De volgende omgevingsvariabelen zijn van invloed op de uitvoering van: vacatures:

TAAL Geef een standaardwaarde op voor de internationaliseringsvariabelen die niet zijn ingesteld of
nul. (Zie het volume Basisdefinities van POSIX.1‐2008, sectie 8.2,
internationalisering Variabelen voor de prioriteit van internationalisering
variabelen die worden gebruikt om de waarden van landinstellingen te bepalen.)

LC_ALL Indien ingesteld op een niet-lege tekenreekswaarde, overschrijf dan de waarden van alle andere
internationaliseringsvariabelen.

LC_CTYPE Bepaal de landinstelling voor de interpretatie van reeksen bytes tekstgegevens
als tekens (bijvoorbeeld single-byte in plaats van multi-byte tekens in
argumenten).

LC_MESSAGES
Bepaal de landinstelling die moet worden gebruikt om het formaat en de inhoud van te beïnvloeden
diagnostische berichten geschreven naar standaardfout en informatieve berichten geschreven
naar standaarduitvoer.

NLSPAT Bepaal de locatie van berichtencatalogi voor de verwerking van: LC_MESSAGES.

ASYNCHROON EVENEMENTEN


Standaard.

STDOUT


Indien de p optie is opgegeven, bestaat de uitvoer uit één regel voor elke proces-ID:

"%d\n", < ID>

Anders, als de l optie niet is gespecificeerd, zal de uitvoer een reeks regels zijn van de
het formulier:

"[%NS] %c %s %s\n", <baannummer>,actueel>,staat>,commando>

waarbij de velden als volgt zijn:

<actueel> Het karakter '+' identificeert de taak die als standaard voor de fg
or bg nutsvoorzieningen; deze taak kan ook worden opgegeven met behulp van de taak_id %+ of "%%".
Het personage '−' identificeert de taak die de standaard zou worden als de
huidige standaardtaak zou worden beëindigd; deze taak kan ook worden opgegeven met behulp van de
taak_id %−. Voor andere banen is dit veld a . Er kan hoogstens één baan zijn
geïdentificeerd met '+' en er kan hoogstens één baan mee geïdentificeerd worden '−'. Als dat zo is
elke opgeschorte taak, dan is de huidige taak een opgeschorte taak.
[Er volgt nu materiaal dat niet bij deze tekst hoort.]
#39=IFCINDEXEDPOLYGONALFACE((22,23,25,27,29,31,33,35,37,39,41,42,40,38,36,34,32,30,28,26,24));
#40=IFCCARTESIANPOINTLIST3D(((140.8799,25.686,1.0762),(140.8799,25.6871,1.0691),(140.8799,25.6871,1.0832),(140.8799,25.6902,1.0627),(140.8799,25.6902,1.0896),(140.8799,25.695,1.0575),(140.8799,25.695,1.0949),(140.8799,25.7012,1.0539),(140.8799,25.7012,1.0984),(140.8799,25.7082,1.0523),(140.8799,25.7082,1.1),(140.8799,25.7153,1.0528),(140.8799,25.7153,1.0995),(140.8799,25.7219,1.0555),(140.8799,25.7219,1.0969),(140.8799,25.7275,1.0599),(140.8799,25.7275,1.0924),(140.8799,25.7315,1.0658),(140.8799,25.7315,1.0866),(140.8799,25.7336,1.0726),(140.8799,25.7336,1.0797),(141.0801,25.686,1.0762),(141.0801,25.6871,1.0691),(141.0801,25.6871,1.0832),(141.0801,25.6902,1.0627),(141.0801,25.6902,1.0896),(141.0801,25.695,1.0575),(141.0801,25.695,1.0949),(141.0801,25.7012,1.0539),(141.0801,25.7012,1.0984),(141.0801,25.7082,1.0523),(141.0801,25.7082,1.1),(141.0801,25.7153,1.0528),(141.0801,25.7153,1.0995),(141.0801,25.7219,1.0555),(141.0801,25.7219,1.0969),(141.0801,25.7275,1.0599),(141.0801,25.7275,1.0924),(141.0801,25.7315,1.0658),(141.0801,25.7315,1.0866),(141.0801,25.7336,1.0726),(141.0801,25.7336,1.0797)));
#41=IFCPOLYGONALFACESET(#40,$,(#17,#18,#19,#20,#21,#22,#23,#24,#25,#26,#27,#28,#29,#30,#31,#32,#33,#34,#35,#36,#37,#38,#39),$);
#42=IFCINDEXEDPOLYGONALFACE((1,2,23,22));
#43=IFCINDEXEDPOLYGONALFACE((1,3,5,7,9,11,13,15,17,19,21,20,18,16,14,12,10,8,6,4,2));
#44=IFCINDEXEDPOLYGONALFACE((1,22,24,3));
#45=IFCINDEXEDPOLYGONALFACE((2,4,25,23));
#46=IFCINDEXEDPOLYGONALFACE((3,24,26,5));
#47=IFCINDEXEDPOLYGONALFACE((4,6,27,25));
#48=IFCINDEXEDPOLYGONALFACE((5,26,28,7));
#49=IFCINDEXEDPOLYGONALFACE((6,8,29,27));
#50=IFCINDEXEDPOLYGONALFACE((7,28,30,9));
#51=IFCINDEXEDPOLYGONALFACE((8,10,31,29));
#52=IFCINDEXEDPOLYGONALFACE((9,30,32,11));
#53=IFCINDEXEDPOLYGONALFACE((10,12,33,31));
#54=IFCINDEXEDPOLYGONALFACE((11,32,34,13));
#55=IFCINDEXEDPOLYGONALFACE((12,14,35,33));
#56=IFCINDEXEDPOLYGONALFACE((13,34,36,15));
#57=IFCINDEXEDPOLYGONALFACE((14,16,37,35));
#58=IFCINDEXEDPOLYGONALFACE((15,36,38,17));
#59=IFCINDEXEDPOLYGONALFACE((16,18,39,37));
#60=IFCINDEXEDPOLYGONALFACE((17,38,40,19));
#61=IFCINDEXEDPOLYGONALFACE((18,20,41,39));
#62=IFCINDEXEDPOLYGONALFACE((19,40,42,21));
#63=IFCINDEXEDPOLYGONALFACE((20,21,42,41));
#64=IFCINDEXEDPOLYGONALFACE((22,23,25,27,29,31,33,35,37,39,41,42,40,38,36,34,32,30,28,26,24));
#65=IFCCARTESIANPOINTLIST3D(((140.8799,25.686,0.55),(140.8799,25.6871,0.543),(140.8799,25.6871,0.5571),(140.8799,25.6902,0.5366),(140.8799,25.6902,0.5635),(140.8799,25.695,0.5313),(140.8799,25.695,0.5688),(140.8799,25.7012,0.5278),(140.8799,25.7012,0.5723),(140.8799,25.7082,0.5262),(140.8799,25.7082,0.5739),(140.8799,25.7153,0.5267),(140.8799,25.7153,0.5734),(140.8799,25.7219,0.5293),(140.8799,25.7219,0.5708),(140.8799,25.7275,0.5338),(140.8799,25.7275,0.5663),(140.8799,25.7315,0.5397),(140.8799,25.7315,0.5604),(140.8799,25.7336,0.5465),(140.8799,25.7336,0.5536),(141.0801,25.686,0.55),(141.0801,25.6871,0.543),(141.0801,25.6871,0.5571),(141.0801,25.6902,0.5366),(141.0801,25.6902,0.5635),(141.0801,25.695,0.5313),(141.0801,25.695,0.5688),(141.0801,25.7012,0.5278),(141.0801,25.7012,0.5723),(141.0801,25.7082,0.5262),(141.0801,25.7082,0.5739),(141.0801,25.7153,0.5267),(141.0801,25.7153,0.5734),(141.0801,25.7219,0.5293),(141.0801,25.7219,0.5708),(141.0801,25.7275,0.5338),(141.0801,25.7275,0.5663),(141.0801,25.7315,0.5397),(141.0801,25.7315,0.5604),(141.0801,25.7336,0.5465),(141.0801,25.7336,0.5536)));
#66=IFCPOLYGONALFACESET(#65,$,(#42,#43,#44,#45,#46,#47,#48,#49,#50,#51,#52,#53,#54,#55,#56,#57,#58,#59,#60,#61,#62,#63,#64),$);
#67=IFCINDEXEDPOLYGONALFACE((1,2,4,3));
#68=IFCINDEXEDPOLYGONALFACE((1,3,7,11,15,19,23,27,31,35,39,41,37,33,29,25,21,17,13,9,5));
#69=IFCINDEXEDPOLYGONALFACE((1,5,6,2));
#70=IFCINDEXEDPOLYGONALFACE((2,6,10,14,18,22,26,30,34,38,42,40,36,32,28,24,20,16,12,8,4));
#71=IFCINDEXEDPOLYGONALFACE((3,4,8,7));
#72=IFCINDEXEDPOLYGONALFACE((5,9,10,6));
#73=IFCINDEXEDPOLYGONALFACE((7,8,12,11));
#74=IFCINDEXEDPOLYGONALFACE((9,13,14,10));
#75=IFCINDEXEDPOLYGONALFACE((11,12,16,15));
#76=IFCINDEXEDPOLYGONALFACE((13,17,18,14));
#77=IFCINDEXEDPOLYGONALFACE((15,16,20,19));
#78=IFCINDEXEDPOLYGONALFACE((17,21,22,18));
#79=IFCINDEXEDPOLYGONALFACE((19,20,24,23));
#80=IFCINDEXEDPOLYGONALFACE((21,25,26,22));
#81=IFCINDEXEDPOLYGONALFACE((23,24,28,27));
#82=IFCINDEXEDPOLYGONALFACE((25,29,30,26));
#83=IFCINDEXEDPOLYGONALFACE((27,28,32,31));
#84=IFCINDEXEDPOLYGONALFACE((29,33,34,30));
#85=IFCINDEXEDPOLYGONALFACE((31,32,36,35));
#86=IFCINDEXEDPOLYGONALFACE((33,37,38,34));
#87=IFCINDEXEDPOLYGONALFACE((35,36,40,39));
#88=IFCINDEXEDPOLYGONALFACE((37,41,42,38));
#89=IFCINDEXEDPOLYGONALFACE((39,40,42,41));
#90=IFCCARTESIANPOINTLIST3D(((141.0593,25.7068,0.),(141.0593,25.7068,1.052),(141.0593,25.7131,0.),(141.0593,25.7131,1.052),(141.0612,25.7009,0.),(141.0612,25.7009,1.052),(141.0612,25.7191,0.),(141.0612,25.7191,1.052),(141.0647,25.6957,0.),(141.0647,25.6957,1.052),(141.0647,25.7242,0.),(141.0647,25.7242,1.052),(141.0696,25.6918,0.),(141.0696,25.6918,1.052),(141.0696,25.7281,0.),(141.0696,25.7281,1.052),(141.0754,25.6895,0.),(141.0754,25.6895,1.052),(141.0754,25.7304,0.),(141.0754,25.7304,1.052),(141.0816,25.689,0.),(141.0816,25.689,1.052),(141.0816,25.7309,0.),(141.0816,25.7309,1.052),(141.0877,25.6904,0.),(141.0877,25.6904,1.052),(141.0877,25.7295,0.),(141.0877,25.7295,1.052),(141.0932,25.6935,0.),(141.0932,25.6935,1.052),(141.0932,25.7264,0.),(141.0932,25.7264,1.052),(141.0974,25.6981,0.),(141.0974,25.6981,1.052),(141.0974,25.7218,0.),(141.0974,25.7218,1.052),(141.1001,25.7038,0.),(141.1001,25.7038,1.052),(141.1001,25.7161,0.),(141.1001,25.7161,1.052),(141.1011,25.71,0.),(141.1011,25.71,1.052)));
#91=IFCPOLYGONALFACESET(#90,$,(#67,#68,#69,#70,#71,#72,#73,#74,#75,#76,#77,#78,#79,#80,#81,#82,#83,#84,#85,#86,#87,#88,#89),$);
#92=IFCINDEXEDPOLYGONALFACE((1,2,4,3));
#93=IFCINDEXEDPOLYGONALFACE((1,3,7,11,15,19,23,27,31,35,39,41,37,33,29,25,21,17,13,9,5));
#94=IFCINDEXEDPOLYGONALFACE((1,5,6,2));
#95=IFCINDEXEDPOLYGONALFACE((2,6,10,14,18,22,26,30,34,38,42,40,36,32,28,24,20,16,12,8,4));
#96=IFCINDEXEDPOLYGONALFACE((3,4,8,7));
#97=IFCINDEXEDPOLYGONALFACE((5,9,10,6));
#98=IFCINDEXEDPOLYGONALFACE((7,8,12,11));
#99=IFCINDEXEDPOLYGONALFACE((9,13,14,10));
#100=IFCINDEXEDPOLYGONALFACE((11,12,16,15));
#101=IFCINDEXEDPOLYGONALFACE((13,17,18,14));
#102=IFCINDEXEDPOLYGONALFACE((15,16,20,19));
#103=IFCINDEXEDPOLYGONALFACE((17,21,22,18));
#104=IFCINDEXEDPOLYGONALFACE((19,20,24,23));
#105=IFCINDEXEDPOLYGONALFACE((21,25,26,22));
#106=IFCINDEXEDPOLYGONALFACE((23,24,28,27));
Als er zijn
minimaal twee opgeschorte banen, dan is de vorige baan ook geschorst
baan.

<baannummer>
Een nummer dat kan worden gebruikt om de procesgroep te identificeren wachten, fg, bg en
doden nutsvoorzieningen. Met behulp van deze hulpprogramma's kan de taak worden geïdentificeerd door er een voorvoegsel aan toe te voegen
het vacaturenummer met '%'.

<staat> Een van de volgende tekenreeksen (in de POSIX-landinstelling):

Hardlopen Geeft aan dat de taak niet is opgeschort door een signaal en dat ook niet is gebeurd
verlaten.

Klaar Geeft aan dat de taak is voltooid en de afsluitstatus nul heeft geretourneerd.

Klaar (code)
Geeft aan dat de taak normaal is voltooid en is afgesloten met de
gespecificeerde niet-nul exit-status, code, uitgedrukt als een decimaal getal.
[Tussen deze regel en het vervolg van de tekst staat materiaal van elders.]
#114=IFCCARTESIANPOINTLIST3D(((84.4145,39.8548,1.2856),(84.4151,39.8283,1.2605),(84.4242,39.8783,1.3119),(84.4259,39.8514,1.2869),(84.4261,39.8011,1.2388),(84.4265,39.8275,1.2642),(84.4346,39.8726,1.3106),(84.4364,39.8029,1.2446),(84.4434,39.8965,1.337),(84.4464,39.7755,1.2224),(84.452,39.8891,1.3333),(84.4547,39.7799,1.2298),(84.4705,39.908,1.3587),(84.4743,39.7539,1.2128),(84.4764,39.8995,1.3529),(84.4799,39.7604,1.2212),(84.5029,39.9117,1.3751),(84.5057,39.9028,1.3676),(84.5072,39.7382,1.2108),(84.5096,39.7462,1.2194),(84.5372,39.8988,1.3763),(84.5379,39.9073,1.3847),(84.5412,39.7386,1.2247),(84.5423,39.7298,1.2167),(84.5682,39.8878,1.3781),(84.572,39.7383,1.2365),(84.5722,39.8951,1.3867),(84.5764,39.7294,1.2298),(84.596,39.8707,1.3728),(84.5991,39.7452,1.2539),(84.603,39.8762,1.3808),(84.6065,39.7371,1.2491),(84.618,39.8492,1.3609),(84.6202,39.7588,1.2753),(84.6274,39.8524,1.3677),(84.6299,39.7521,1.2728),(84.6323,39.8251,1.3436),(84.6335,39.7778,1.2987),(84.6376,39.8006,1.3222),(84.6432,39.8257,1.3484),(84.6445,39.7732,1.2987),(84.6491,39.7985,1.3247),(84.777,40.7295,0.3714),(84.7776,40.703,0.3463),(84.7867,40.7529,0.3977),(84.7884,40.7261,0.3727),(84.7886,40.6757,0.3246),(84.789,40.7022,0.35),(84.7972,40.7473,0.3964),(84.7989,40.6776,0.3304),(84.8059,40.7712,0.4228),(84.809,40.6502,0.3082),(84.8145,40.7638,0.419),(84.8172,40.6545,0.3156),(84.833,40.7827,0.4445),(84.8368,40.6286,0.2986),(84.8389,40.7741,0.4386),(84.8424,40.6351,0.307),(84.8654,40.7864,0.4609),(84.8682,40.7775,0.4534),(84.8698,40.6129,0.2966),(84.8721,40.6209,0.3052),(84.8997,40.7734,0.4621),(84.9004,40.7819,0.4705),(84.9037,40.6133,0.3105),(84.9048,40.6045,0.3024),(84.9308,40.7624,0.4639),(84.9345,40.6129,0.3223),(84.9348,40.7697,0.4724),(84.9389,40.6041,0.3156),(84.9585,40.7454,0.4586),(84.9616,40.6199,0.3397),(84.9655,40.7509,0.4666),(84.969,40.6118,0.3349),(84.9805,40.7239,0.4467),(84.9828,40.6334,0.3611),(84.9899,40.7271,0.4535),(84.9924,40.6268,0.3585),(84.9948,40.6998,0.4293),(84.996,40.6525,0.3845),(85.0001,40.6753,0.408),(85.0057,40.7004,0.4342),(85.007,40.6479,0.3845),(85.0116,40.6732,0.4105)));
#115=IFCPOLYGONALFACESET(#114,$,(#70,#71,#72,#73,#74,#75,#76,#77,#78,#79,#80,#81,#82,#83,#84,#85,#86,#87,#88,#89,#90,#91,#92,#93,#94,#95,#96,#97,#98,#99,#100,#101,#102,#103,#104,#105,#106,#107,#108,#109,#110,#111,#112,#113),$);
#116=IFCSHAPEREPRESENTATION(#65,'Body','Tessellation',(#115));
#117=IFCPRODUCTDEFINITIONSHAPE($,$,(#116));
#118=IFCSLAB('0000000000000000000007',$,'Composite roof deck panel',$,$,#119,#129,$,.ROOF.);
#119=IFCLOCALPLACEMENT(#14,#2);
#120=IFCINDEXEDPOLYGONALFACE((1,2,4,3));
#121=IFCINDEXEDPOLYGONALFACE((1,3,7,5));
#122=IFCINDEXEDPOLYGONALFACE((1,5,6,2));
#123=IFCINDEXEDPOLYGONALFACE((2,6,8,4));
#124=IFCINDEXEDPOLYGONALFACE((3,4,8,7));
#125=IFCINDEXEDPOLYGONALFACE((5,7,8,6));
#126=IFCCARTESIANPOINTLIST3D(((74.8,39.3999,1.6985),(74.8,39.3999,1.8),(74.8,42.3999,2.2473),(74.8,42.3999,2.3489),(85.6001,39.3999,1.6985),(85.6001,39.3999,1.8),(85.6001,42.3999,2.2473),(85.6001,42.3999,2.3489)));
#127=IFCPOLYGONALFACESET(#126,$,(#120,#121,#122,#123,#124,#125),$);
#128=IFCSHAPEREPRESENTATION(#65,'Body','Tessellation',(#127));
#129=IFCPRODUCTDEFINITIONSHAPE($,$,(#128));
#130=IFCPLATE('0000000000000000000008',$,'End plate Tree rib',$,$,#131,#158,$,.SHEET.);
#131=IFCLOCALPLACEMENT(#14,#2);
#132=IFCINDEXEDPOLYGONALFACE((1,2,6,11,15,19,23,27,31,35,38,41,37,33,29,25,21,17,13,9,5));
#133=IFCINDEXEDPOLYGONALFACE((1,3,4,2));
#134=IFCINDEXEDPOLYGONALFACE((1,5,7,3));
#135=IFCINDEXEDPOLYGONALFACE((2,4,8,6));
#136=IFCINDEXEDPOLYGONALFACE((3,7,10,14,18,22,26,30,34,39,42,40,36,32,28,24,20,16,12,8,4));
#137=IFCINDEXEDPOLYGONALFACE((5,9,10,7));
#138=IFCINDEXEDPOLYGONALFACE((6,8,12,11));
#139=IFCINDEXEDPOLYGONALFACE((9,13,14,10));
Gestopt Geeft aan dat de taak is opgeschort door het SIGTSTP-signaal.

Gestopt (SIGTSTP)
Geeft aan dat de taak is opgeschort door het SIGTSTP-signaal.

Gestopt (VOLGENDE HALTE)
Geeft aan dat de taak is onderbroken door het SIGSTOP-signaal.

Gestopt (AANMELDEN)
Geeft aan dat de taak is opgeschort door het SIGTTIN-signaal.

Gestopt (SIGTTOU)
Geeft aan dat de taak is onderbroken door het SIGTTOU-signaal.

De implementatie kan de string vervangen Hangend in plaats van Gestopt. Indien
de taak werd beëindigd door een signaal, het formaat vanstaat> is niet gespecificeerd, maar het is wel zo
moeten zichtbaar onderscheiden zijn van alle anderestaat> formaten die hier worden getoond en
vermeldt de naam of beschrijving van het signaal dat de beëindiging veroorzaakt.
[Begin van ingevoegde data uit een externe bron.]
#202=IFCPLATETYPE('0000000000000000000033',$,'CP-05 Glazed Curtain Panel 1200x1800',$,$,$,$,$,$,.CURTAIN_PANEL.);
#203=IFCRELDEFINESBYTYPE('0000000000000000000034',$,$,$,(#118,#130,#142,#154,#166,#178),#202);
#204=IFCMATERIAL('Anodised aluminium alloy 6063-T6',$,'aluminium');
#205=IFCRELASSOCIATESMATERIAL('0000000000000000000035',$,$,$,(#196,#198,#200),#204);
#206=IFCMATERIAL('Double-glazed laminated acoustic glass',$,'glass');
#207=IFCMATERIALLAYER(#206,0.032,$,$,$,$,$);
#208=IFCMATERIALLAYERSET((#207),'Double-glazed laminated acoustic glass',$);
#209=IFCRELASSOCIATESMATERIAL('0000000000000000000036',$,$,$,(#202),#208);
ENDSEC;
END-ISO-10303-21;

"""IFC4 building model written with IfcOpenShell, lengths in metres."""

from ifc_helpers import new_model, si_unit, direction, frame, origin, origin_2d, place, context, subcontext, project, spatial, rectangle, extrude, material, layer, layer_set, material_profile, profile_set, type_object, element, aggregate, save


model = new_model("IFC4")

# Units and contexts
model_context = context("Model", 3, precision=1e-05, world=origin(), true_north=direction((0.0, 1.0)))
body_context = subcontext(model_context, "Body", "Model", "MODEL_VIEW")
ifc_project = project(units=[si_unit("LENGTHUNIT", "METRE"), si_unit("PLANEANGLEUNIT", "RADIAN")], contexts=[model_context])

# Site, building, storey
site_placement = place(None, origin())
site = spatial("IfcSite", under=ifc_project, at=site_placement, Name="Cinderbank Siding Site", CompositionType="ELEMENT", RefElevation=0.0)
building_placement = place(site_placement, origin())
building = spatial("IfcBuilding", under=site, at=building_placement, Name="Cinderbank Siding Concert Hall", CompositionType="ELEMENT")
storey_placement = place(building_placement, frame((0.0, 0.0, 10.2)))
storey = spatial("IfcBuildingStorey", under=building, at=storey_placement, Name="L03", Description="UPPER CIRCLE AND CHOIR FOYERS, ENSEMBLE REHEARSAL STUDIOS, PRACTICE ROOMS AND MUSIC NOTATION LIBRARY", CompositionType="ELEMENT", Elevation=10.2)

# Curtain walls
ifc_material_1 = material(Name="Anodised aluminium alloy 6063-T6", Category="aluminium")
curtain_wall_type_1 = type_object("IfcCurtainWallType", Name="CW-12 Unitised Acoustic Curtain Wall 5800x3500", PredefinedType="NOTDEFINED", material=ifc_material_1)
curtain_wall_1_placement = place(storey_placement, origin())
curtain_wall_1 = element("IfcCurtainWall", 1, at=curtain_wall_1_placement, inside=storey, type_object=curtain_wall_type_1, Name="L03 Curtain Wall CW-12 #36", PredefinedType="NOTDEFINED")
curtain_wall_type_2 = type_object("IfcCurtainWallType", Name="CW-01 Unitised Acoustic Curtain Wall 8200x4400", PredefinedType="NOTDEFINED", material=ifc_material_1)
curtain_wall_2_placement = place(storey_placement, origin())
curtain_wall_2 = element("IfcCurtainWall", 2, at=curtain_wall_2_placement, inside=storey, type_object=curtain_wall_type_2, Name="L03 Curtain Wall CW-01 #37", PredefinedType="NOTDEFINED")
<commando> Het bijbehorende commando dat aan de shell is gegeven.

Indien de l optie is opgegeven, wordt een veld met de procesgroep-ID ingevoegd
vóór destaat> veld. Ook kunnen er meer processen in een procesgroep worden uitgevoerd
afzonderlijke regels, waarbij alleen de proces-ID encommando> velden.

STDERR


De standaardfout wordt alleen gebruikt voor diagnostische berichten.

OUTPUT FILES


Geen.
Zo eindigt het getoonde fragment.